A flea-borne disease once thought eradicated in the United States is making a comeback in Texas, with researchers identifying domestic cats and their fleas as a critical pathway for the bacterium causing murine typhus to enter households.
Flea-borne murine typhus, caused by the bacterium Rickettsia typhi, is resurging in parts of Texas. The illness, which was nearly eradicated across the country during the 1940s through vector-control campaigns targeting rat fleas, has led to hundreds of hospitalizations in areas like Galveston and is now being increasingly detected in South Texas.

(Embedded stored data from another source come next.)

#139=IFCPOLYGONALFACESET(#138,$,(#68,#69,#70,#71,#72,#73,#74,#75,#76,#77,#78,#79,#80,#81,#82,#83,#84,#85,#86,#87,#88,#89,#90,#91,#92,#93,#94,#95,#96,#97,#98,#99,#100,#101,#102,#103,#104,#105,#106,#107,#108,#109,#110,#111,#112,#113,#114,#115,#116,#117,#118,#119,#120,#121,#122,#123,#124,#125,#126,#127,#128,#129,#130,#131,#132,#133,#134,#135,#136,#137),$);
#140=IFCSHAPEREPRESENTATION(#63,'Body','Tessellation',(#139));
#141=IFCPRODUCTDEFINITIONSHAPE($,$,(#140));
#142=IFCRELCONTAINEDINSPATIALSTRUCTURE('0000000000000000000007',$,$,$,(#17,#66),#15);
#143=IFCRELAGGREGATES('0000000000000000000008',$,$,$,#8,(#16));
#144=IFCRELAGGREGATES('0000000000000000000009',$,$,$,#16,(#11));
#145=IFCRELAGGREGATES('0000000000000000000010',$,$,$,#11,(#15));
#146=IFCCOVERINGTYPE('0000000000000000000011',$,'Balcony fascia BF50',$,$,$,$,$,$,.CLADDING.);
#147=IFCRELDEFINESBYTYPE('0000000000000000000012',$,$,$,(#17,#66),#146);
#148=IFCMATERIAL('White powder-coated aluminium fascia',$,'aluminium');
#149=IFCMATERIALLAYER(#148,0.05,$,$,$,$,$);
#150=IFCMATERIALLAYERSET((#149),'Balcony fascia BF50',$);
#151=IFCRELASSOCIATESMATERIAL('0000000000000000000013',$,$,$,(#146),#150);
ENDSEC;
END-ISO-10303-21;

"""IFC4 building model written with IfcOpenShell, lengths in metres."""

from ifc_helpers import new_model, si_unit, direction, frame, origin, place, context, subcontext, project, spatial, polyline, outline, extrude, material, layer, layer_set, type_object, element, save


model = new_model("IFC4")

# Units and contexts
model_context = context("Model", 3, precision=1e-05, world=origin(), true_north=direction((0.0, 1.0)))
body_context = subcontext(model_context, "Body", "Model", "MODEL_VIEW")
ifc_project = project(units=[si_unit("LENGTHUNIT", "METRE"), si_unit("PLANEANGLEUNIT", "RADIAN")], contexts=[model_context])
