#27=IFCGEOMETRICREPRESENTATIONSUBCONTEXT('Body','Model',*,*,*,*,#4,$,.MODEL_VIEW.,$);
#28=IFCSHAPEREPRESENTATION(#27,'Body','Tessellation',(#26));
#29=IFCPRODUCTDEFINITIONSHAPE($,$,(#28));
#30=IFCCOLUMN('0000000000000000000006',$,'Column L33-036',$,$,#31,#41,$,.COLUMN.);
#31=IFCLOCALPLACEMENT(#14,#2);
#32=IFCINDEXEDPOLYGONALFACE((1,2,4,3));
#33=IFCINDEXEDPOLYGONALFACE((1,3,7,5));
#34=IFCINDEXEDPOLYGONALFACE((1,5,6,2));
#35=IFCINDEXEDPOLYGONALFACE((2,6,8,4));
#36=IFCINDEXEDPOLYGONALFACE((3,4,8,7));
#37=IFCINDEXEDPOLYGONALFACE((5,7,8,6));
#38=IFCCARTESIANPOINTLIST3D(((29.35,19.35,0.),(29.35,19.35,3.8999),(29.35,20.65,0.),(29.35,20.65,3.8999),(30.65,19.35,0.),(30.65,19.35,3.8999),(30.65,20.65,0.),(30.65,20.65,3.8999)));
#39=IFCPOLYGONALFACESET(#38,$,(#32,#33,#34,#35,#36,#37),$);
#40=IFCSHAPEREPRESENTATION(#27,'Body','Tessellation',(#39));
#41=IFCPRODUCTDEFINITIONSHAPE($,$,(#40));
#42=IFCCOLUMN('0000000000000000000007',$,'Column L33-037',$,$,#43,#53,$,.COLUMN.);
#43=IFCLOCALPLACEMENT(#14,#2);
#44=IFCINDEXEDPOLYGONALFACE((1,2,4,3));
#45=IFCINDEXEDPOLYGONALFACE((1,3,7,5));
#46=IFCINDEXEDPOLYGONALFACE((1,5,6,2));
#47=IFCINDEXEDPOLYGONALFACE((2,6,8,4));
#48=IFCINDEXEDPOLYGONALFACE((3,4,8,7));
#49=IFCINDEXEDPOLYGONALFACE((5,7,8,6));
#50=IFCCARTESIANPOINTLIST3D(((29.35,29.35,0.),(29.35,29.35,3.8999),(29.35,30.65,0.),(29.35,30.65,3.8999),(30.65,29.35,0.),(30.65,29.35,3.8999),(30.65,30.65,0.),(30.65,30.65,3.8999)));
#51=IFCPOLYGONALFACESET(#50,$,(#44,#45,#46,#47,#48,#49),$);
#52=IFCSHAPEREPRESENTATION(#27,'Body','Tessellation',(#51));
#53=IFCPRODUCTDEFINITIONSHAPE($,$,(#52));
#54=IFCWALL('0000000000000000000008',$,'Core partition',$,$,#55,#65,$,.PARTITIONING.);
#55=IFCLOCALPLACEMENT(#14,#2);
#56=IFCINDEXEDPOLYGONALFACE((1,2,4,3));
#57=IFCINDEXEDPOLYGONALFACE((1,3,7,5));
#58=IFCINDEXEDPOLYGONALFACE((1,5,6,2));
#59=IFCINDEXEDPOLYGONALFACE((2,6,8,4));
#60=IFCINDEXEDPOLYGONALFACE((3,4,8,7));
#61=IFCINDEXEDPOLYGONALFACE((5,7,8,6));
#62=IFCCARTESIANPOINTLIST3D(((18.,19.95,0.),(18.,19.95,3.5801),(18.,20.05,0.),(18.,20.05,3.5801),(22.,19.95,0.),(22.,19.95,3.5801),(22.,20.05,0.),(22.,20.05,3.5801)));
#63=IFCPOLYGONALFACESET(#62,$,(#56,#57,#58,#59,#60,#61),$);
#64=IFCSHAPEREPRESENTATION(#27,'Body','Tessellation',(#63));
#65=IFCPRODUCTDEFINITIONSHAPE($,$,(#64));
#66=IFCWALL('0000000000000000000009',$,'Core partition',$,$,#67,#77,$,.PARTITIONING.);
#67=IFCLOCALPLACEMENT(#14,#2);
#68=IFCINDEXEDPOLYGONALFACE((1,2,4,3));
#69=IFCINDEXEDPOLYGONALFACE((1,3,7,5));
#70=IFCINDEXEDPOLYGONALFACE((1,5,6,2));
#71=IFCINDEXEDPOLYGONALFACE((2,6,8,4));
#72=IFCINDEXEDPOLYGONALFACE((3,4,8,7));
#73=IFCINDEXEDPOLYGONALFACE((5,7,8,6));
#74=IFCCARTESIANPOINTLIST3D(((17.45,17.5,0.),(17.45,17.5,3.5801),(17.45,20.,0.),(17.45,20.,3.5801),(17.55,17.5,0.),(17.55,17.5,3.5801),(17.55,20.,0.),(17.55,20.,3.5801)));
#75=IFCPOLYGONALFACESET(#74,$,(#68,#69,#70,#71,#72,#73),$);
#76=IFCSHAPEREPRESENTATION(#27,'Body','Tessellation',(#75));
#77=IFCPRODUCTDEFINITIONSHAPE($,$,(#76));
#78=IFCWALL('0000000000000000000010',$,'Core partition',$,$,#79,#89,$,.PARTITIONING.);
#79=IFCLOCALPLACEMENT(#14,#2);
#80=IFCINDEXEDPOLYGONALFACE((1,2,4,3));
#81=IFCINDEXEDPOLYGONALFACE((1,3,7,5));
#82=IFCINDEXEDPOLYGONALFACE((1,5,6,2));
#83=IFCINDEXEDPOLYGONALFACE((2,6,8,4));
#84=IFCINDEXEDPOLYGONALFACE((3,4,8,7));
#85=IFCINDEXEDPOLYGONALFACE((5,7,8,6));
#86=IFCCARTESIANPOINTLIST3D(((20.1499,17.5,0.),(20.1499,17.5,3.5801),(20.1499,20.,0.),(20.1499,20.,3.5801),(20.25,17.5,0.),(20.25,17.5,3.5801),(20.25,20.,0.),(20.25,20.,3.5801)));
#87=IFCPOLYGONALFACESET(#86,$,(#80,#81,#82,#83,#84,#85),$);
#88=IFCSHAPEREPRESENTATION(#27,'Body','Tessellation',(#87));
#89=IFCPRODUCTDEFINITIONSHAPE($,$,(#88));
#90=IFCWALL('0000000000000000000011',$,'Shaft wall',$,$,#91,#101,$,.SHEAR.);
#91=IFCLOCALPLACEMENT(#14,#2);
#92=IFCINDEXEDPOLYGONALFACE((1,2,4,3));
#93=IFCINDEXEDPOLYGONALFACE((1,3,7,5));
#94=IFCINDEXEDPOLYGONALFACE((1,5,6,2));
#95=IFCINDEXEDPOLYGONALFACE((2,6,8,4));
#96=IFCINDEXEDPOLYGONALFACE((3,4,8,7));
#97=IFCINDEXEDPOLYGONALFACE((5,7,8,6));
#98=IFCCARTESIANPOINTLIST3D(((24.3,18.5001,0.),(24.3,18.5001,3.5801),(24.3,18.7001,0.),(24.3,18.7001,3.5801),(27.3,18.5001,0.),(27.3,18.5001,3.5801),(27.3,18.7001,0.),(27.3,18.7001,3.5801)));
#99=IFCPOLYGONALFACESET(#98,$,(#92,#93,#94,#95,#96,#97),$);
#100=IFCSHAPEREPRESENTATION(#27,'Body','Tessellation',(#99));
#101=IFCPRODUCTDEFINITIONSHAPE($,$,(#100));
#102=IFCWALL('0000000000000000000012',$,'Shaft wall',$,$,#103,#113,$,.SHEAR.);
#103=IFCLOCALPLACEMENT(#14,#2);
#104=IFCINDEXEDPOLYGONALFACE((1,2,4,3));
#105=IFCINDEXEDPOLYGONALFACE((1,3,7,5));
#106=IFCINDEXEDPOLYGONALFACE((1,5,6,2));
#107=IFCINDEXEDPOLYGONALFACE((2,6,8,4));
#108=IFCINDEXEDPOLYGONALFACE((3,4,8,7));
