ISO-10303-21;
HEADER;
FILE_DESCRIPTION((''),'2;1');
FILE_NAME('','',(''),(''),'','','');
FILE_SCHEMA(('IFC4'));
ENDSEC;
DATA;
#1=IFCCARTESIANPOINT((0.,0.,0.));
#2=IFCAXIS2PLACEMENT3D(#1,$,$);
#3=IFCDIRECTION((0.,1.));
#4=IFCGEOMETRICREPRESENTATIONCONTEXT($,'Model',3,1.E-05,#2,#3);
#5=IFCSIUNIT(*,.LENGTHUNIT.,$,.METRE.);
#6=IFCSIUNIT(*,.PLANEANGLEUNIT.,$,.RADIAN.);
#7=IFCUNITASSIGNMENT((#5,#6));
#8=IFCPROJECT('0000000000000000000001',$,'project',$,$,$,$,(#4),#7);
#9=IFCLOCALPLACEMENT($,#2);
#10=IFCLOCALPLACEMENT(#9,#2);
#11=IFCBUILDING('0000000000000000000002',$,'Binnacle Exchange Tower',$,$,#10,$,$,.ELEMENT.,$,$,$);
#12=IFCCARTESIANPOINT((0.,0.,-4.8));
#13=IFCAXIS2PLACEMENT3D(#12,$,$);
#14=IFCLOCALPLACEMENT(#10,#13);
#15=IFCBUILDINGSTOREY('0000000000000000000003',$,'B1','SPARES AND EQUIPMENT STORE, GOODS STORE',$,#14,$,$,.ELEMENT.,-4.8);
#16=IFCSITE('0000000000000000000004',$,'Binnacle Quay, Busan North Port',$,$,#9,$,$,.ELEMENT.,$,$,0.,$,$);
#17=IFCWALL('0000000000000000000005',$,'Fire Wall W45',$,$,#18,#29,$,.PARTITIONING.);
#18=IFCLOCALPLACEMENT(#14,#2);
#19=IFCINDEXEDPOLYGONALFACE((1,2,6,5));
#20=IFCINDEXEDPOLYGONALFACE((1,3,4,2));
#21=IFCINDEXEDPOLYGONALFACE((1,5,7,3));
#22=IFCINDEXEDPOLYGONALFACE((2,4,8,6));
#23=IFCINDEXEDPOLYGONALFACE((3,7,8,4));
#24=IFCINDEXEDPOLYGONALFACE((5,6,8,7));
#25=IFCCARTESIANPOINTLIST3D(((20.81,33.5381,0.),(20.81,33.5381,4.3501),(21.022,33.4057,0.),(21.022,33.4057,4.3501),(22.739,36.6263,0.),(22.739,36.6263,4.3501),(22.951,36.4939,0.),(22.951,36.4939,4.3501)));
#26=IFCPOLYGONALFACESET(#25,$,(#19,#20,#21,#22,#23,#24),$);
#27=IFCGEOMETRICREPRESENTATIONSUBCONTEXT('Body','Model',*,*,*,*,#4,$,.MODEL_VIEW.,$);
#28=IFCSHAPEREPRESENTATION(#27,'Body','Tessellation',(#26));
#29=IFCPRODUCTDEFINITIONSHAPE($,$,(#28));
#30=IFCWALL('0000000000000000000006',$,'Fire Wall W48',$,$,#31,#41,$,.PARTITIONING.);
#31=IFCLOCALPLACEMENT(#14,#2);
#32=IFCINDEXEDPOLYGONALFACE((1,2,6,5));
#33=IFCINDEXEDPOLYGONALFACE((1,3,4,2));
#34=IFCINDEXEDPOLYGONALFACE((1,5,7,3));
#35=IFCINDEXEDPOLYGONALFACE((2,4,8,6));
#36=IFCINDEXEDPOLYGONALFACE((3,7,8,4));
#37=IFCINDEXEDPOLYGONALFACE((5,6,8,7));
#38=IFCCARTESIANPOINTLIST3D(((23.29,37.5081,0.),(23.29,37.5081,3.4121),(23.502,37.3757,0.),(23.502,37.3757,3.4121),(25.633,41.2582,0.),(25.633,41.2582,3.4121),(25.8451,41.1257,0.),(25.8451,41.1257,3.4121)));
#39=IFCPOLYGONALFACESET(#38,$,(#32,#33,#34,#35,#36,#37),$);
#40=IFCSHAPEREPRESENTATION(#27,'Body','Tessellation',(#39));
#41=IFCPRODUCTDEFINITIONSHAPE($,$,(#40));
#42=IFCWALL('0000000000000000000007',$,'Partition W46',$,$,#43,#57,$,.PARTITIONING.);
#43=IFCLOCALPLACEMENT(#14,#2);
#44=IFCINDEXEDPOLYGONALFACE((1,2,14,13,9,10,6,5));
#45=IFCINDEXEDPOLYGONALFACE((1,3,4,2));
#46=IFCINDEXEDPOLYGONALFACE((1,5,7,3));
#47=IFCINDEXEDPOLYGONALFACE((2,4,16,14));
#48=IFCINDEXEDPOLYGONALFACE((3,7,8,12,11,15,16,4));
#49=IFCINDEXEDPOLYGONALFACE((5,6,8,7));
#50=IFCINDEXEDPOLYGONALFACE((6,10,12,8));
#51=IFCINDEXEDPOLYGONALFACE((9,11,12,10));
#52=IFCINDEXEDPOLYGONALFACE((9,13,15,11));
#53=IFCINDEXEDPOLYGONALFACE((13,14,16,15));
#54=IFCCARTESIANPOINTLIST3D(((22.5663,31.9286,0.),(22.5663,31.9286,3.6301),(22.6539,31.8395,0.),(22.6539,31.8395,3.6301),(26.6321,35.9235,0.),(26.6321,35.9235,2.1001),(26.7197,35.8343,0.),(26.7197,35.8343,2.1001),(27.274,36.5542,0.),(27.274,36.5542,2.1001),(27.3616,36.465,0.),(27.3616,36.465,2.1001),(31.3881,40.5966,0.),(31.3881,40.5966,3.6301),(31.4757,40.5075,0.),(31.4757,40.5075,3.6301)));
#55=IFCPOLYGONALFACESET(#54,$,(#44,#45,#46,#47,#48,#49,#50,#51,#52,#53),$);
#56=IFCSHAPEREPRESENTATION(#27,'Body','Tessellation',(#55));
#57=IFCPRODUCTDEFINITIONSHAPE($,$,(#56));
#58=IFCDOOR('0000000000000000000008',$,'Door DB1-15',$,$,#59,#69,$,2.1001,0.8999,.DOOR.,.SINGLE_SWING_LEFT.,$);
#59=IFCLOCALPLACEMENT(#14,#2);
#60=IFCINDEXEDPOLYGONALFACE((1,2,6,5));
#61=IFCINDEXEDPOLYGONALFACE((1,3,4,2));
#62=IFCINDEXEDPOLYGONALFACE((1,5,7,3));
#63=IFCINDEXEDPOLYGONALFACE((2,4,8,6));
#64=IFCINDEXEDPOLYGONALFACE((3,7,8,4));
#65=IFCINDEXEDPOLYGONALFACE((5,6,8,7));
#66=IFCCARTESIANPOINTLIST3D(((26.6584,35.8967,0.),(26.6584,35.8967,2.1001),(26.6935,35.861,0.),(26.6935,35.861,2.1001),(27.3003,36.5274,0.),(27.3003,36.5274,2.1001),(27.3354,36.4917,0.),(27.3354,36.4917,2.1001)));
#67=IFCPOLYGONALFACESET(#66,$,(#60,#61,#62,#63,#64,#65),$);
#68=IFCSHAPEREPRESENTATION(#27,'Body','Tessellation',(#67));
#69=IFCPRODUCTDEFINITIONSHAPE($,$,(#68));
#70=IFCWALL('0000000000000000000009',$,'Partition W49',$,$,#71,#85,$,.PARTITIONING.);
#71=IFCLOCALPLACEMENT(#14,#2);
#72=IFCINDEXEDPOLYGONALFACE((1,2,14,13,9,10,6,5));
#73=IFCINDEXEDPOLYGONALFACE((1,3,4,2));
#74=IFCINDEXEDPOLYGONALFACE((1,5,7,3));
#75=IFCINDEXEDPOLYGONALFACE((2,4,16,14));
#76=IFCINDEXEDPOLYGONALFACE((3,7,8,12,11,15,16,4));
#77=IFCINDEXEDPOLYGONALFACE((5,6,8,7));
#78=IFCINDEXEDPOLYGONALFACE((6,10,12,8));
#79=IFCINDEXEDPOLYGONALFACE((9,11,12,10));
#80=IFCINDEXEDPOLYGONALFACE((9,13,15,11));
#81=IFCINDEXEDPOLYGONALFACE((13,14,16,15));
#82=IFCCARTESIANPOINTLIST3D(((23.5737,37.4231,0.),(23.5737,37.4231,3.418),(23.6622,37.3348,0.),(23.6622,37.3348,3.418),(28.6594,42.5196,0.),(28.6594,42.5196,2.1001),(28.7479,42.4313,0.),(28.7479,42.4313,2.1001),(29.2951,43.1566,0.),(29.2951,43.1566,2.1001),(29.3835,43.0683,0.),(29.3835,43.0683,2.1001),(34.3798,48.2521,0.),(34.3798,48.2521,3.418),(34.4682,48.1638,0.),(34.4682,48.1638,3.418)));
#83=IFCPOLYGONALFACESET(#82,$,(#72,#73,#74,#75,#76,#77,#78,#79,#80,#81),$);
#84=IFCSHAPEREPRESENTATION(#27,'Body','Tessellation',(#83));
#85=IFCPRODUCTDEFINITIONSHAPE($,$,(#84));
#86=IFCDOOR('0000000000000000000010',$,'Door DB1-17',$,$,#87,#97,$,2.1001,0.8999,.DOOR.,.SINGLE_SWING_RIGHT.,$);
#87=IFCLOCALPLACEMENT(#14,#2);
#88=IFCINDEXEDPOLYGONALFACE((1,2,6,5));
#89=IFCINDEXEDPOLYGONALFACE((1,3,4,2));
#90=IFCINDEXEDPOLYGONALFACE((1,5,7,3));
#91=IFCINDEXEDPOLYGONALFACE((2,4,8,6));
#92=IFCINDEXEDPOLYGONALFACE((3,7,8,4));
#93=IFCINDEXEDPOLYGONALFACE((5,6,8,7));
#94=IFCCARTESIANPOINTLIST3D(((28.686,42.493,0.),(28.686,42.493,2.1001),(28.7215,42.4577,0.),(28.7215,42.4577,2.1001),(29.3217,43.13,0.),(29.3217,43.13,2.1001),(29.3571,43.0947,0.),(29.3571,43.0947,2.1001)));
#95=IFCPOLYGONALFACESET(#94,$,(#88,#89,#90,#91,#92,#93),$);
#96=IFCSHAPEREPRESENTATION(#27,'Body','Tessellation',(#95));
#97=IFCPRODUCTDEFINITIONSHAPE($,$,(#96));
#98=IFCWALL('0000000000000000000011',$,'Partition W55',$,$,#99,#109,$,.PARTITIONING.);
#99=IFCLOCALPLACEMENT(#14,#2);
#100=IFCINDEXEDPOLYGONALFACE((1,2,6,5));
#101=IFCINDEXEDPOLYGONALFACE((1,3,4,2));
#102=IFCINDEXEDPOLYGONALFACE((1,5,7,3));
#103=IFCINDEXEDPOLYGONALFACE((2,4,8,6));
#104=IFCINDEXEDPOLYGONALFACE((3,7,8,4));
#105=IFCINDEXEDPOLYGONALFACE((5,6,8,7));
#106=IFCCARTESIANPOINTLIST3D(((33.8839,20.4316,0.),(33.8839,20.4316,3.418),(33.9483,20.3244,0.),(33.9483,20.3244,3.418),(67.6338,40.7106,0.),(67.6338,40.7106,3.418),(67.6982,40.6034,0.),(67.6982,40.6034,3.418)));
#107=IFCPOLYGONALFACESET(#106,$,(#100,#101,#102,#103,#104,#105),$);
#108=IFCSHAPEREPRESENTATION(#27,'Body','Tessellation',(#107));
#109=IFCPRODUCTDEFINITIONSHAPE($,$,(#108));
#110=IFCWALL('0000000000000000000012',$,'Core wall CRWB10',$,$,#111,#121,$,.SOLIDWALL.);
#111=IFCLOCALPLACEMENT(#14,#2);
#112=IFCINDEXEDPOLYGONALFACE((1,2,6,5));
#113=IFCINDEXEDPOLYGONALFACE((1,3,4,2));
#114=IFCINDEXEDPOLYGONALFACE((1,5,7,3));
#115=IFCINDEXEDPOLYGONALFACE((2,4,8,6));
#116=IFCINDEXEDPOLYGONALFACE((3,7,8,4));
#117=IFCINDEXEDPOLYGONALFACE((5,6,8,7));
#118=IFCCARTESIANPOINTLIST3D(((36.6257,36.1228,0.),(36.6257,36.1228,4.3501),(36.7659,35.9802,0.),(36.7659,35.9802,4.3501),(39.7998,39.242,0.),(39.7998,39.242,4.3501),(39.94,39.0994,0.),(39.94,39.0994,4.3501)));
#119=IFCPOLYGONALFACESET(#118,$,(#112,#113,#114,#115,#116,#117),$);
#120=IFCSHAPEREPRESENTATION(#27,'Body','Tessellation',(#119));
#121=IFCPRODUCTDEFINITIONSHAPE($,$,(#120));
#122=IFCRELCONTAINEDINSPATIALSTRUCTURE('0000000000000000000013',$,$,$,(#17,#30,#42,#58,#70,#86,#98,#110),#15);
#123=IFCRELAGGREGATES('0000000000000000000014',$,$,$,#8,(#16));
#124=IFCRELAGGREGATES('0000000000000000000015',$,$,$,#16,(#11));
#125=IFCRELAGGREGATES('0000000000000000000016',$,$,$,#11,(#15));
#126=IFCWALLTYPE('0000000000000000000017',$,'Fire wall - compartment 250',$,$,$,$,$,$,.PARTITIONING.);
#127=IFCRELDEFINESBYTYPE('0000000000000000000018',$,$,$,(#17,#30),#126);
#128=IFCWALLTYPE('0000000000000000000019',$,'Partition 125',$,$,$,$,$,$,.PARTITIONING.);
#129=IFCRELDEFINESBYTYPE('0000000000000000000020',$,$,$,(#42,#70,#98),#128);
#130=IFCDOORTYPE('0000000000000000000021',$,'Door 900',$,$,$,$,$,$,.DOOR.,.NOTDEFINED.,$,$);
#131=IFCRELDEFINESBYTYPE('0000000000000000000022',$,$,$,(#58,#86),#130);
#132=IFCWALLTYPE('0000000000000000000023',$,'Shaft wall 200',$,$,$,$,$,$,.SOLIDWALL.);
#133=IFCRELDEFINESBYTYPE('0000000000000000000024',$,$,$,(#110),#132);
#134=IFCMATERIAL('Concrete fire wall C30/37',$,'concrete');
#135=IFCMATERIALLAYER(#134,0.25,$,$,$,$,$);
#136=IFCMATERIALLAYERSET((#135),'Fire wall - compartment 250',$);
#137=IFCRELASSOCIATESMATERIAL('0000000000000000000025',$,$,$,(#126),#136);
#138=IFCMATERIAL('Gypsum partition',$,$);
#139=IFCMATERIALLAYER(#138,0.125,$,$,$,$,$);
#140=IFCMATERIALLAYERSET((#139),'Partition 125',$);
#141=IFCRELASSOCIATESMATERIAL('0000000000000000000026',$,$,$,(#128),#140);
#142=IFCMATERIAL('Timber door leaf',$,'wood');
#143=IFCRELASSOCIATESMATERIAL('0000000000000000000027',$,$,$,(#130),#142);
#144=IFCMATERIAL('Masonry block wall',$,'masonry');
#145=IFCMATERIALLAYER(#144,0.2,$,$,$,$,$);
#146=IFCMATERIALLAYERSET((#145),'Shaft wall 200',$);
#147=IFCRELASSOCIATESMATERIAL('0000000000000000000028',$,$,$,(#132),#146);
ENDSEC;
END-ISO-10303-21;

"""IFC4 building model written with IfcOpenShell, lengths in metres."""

from ifc_helpers import new_model, si_unit, direction, frame, frame_2d, origin, place, context, subcontext, project, spatial, rectangle, extrude, material, layer, layer_set, type_object, element, fill, save


model = new_model("IFC4")

# Units and contexts
model_context = context("Model", 3, precision=1e-05, world=origin(), true_north=direction((0.0, 1.0)))
body_context = subcontext(model_context, "Body", "Model", "MODEL_VIEW")
ifc_project = project(units=[si_unit("LENGTHUNIT", "METRE"), si_unit("PLANEANGLEUNIT", "RADIAN")], contexts=[model_context])

# Site, building, storey
site_placement = place(None, origin())
site = spatial("IfcSite", under=ifc_project, at=site_placement, Name="Binnacle Quay, Busan North Port", CompositionType="ELEMENT", RefElevation=0.0)
building_placement = place(site_placement, origin())
building = spatial("IfcBuilding", under=site, at=building_placement, Name="Binnacle Exchange Tower", CompositionType="ELEMENT")
storey_placement = place(building_placement, frame((0.0, 0.0, -4.8)))
storey = spatial("IfcBuildingStorey", under=building, at=storey_placement, Name="B1", Description="SPARES AND EQUIPMENT STORE, GOODS STORE", CompositionType="ELEMENT", Elevation=-4.8)

# Walls
ifc_material_1 = material(Name="Concrete fire wall C30/37", Category="concrete")
ifc_layer_1 = layer(ifc_material_1, 0.25)
ifc_layer_set_1 = layer_set([ifc_layer_1], Name="Fire wall - compartment 250")
wall_type_1 = type_object("IfcWallType", Name="Fire wall - compartment 250", PredefinedType="PARTITIONING", material=ifc_layer_set_1)
wall_1_placement = place(storey_placement, frame((20.916, 33.4719, 0.0), z_axis=(0.0, 0.0, 1.0), x_axis=(0.529776, 0.848138, 0.0)))
element("IfcWall", 1, at=wall_1_placement, inside=storey, type_object=wall_type_1, Name="Fire Wall W45", PredefinedType="PARTITIONING", context=body_context, shape_type="SweptSolid", body=[
    extrude(rectangle(XDim=3.6411, YDim=0.25, at=frame_2d((1.8206, 0.0))), origin(), (0.0, 0.0, 1.0), 4.3501),
])
wall_2_placement = place(storey_placement, frame((23.396, 37.4419, 0.0), z_axis=(0.0, 0.0, 1.0), x_axis=(0.52988, 0.848073, 0.0)))
element("IfcWall", 2, at=wall_2_placement, inside=storey, type_object=wall_type_1, Name="Fire Wall W48", PredefinedType="PARTITIONING", context=body_context, shape_type="SweptSolid", body=[
    extrude(rectangle(XDim=4.4219, YDim=0.25, at=frame_2d((2.2109, 0.0))), origin(), (0.0, 0.0, 1.0), 3.4121),
])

The disease spreads to humans through infected flea feces rather than person-to-person contact. It typically causes fever, headache, rash, chills, joint pain, and nausea. However, severe cases can lead to hospitalization, organ failure, and death.
Texas has reported more than 6,700 cases of the illness between 2008 and 2023. A University of Texas Medical Branch study identified 149 adult cases in the Galveston area from 2019 through 2023, with nearly 80 percent requiring hospitalization and 33 needing intensive care. Two patients died during that period.
Researchers found that older adults and individuals with underlying conditions such as obesity, diabetes, and chronic kidney disease are at higher risk for severe illness. Health officials report that murine typhus remains endemic in Bexar County, where case rates have stayed above pre-pandemic levels.
Experts attribute the resurgence to increasing cat populations, limited access to flea prevention, and warmer temperatures that favor flea activity. Public health officials urge pet owners to use veterinarian-approved flea treatments, reduce rodent activity around homes, and take precautions against flea bites to lower the risk of infection.
“The increased abundance of pet cats and stray or feral cats, socioeconomic conditions that prevent access to affordable flea protection on cats, and warming temperatures likely all promote flea infestation of cats and transmission of the bacteria that causes typhus,” said Dr. Sarah Hamer, Texas A&M University.